Tournesol's goal is to be this solution. Our main proposal to make large-scale algorithms robustly beneficial is an open source platform, available at Tournesol.app. The platform allows contributors to set up their account, and to provide judgments by comparing contents on nine different quality criteria. The default quality criteria to rate are "reliable and not misleading", "important and actionable" and "engaging and thought-provoking". The optional quality criteria to rate are "encourages better habits", "clear and pedagogical", "layman-friendly", "diversity and inclusion", "resilience to backfiring risks" and "entertaining and relaxing". Contributors may also report how confident they are in their ratings.

To facilitate the contributors' workflow, Tournesol also develops and maintains a mobile application and a browser extension. The mobile application, currently only available on Android, has the key functionalities of the platform, especially in terms of search and rating. The browser extension enables the contributor to directly access Tournesol recommendations in the YouTube home page. It also enables the contributor to rate a video they are watching with one click.

To protect Tournesol against a 51% attack, contributors are asked to validate an email from a trusted email domain. Certified contributors' ratings are then used by our strategyproof robust learning algorithms to infer certified Tournesol scores, which are used by our recommendation engine. Non-certified contributors still affect the non-certified Tournesol scores.
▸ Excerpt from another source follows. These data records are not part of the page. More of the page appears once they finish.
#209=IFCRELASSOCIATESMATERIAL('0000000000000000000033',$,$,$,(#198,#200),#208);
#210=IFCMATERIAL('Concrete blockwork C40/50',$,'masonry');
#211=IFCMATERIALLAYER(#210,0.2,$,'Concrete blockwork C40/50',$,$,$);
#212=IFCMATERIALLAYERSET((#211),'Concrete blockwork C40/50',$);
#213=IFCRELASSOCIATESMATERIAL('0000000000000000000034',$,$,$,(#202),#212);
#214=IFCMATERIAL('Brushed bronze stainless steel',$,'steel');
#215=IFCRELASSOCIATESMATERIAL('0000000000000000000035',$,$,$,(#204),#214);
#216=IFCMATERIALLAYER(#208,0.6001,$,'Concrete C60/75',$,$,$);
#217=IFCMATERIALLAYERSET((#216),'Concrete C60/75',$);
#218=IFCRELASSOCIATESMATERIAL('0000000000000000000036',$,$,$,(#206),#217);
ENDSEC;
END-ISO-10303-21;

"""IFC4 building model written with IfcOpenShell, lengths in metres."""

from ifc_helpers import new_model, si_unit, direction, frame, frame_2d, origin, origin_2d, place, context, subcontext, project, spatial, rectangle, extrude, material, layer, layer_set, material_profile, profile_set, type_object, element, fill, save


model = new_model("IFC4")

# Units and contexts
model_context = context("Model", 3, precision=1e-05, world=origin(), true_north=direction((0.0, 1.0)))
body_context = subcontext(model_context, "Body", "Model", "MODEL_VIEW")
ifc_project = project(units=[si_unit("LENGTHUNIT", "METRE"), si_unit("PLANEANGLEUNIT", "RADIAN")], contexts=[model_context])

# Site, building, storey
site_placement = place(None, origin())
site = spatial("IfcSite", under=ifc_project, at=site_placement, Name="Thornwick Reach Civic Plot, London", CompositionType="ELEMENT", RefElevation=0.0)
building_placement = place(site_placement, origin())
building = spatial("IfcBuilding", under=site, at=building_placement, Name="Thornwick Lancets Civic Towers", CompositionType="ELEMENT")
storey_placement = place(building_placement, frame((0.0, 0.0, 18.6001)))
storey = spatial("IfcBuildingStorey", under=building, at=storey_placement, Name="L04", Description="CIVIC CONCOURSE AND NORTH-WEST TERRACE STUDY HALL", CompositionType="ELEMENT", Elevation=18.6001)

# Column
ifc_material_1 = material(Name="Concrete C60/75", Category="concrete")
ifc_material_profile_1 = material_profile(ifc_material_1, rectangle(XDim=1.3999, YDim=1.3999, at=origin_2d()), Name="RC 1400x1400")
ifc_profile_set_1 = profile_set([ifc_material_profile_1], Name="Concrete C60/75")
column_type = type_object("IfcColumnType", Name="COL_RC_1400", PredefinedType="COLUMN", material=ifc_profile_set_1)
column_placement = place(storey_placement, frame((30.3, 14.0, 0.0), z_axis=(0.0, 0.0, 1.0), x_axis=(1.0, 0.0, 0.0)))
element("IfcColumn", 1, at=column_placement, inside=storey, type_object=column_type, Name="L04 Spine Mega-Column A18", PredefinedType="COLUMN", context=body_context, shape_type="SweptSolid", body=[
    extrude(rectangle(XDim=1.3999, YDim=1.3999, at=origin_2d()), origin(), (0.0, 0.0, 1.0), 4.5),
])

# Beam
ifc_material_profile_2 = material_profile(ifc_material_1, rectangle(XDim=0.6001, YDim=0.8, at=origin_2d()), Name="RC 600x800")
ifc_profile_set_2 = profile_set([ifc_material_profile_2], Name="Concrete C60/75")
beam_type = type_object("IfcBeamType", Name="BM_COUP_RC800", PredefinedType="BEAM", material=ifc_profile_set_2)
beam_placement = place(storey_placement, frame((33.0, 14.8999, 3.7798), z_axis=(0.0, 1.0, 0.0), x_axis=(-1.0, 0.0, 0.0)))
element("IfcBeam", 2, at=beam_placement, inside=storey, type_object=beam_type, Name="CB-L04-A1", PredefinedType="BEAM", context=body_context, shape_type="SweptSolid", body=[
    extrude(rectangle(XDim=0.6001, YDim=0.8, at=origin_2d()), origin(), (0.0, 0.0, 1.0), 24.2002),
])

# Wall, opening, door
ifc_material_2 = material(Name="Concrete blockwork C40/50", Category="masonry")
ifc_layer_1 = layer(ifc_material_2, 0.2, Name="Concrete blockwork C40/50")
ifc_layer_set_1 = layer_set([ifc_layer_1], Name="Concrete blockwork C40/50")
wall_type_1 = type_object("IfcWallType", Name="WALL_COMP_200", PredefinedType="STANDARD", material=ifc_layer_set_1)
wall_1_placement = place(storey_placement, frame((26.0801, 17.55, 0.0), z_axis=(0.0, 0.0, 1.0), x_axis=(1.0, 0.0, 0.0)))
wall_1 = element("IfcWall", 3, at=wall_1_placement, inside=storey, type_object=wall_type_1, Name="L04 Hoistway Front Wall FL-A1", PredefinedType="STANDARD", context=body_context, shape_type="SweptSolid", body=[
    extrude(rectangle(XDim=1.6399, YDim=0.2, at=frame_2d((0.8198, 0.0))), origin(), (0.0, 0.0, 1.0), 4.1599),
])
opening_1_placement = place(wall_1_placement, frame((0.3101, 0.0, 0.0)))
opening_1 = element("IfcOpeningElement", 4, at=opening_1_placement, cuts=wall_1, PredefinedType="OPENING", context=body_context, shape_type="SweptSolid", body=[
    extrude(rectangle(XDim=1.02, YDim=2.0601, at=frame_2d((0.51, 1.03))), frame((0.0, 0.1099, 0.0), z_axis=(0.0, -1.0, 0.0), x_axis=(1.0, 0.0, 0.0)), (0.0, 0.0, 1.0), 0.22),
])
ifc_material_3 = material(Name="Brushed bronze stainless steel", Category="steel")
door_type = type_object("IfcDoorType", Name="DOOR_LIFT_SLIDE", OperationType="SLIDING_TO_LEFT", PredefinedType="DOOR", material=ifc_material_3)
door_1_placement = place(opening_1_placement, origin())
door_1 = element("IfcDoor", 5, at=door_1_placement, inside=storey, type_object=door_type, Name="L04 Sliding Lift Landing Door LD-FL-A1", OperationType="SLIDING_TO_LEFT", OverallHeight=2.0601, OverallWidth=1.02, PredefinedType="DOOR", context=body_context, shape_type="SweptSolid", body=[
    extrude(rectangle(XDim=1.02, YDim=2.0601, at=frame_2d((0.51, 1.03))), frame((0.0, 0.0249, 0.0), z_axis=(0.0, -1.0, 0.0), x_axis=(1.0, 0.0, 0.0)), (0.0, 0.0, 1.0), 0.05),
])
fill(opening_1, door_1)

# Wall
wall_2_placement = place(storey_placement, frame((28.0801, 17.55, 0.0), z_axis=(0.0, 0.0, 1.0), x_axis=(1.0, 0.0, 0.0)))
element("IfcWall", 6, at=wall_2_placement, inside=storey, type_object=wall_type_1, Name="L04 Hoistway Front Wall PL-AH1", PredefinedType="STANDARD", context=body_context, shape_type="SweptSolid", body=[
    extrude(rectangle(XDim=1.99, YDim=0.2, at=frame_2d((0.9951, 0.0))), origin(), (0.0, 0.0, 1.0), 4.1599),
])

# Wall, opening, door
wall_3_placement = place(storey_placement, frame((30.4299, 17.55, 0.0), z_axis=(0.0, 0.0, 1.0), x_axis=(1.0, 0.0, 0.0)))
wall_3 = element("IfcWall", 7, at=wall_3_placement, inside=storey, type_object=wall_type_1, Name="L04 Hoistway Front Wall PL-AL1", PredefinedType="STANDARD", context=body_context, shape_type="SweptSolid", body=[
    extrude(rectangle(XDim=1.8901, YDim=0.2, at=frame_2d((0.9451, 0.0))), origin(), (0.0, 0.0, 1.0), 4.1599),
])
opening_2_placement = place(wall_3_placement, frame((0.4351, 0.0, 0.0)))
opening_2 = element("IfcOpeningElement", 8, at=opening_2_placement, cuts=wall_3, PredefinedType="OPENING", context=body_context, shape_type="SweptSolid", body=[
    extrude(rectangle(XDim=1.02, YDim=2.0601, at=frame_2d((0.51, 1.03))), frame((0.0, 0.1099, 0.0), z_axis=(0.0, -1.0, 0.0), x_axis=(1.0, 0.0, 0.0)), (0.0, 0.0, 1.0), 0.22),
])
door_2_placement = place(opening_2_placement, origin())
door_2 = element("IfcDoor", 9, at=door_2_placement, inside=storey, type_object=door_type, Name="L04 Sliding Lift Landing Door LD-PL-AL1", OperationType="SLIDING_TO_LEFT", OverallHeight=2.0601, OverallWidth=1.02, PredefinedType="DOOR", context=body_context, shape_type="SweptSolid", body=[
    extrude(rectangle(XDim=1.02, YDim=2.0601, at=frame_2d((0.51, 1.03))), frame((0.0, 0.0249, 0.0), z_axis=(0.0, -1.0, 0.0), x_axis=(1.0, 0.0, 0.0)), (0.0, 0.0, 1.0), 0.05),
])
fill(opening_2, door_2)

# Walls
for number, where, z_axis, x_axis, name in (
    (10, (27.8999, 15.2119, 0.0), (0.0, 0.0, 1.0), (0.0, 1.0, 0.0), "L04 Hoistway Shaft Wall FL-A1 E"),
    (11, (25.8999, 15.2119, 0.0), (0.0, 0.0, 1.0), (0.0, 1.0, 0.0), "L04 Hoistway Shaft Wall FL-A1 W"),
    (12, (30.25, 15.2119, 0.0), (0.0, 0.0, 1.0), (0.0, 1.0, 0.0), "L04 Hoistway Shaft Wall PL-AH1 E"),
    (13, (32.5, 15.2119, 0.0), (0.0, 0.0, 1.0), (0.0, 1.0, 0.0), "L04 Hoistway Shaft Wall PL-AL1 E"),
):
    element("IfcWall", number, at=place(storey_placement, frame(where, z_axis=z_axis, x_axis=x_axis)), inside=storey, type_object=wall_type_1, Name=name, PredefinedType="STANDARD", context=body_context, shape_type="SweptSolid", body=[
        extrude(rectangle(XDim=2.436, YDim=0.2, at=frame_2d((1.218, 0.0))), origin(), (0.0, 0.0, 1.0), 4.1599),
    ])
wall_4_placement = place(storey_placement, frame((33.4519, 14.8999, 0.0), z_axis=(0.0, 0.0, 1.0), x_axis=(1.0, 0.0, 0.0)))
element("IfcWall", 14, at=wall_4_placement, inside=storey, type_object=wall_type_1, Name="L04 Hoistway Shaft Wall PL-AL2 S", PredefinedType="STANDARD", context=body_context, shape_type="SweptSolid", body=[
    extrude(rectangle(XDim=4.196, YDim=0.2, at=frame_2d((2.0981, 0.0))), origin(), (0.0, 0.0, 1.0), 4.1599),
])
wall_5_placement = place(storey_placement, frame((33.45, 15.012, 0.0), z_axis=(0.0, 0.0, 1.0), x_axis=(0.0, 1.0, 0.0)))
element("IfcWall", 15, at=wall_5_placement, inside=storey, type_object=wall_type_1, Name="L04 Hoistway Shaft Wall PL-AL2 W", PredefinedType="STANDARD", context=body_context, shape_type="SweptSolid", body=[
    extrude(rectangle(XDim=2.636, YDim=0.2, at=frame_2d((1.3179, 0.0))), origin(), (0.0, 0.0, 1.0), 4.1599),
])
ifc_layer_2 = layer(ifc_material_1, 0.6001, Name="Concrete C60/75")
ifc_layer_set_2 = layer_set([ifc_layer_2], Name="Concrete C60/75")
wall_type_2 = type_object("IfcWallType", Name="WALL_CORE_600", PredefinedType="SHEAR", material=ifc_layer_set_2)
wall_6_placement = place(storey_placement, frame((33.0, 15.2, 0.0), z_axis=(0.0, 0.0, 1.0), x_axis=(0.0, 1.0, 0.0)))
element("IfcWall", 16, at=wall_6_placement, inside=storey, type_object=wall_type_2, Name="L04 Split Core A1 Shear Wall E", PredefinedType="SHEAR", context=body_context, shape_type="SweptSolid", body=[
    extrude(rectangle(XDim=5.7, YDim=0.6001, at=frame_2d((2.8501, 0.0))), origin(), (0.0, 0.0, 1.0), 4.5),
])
Contributors are also asked to provide personal information, such as degrees and expertise, which we hope to leverage in future versions of our algorithms.

Contributors can provide judgments publicly or privately. All public contributions are recorded in our public database, which is freely downloadable. We highly encourage data scientists and academic researchers to analyze this database to understand our contributors' judgments, determine what they consider preferable to recommend at scale, and audit or improve today's recommendation algorithms.

Tournesol also aims to provide a large amount of statistics and data visualizations to maximize the transparency and the interpretability of our platform and of our algorithms, while protecting the privacy of private ratings. To achieve this goal, Tournesol is also highly engaged in raising awareness and increasing the understanding of the risks with today's and tomorrow's unaligned algorithms. We document and maintain the Tournesol wiki, which provides pedagogical explanations and lists numerous resources. We also collaborate with science communicators to produce quality information about the challenges to make algorithms robustly beneficial, as well as to encourage a larger audience to become Tournesol contributors.

Finally, Tournesol is also highly engaged with academic research on AI ethics and algorithmic safety. Our work has already inspired numerous research directions, like Byzantine machine learning, resilience to Goodhart's law, personalized collaborative learning, high-dimensional voting, strategyproof collaborative learning, Bayesian voting, Bayesian Byzantine resilience and volition learning, to name a few. Note that much of this research is currently ongoing. Tournesol will share and pedagogically explain the results of such research once the preprints are available.

Tournesol is a project of the non-profit Tournesol Association, which was created in the canton of Vaud, Switzerland.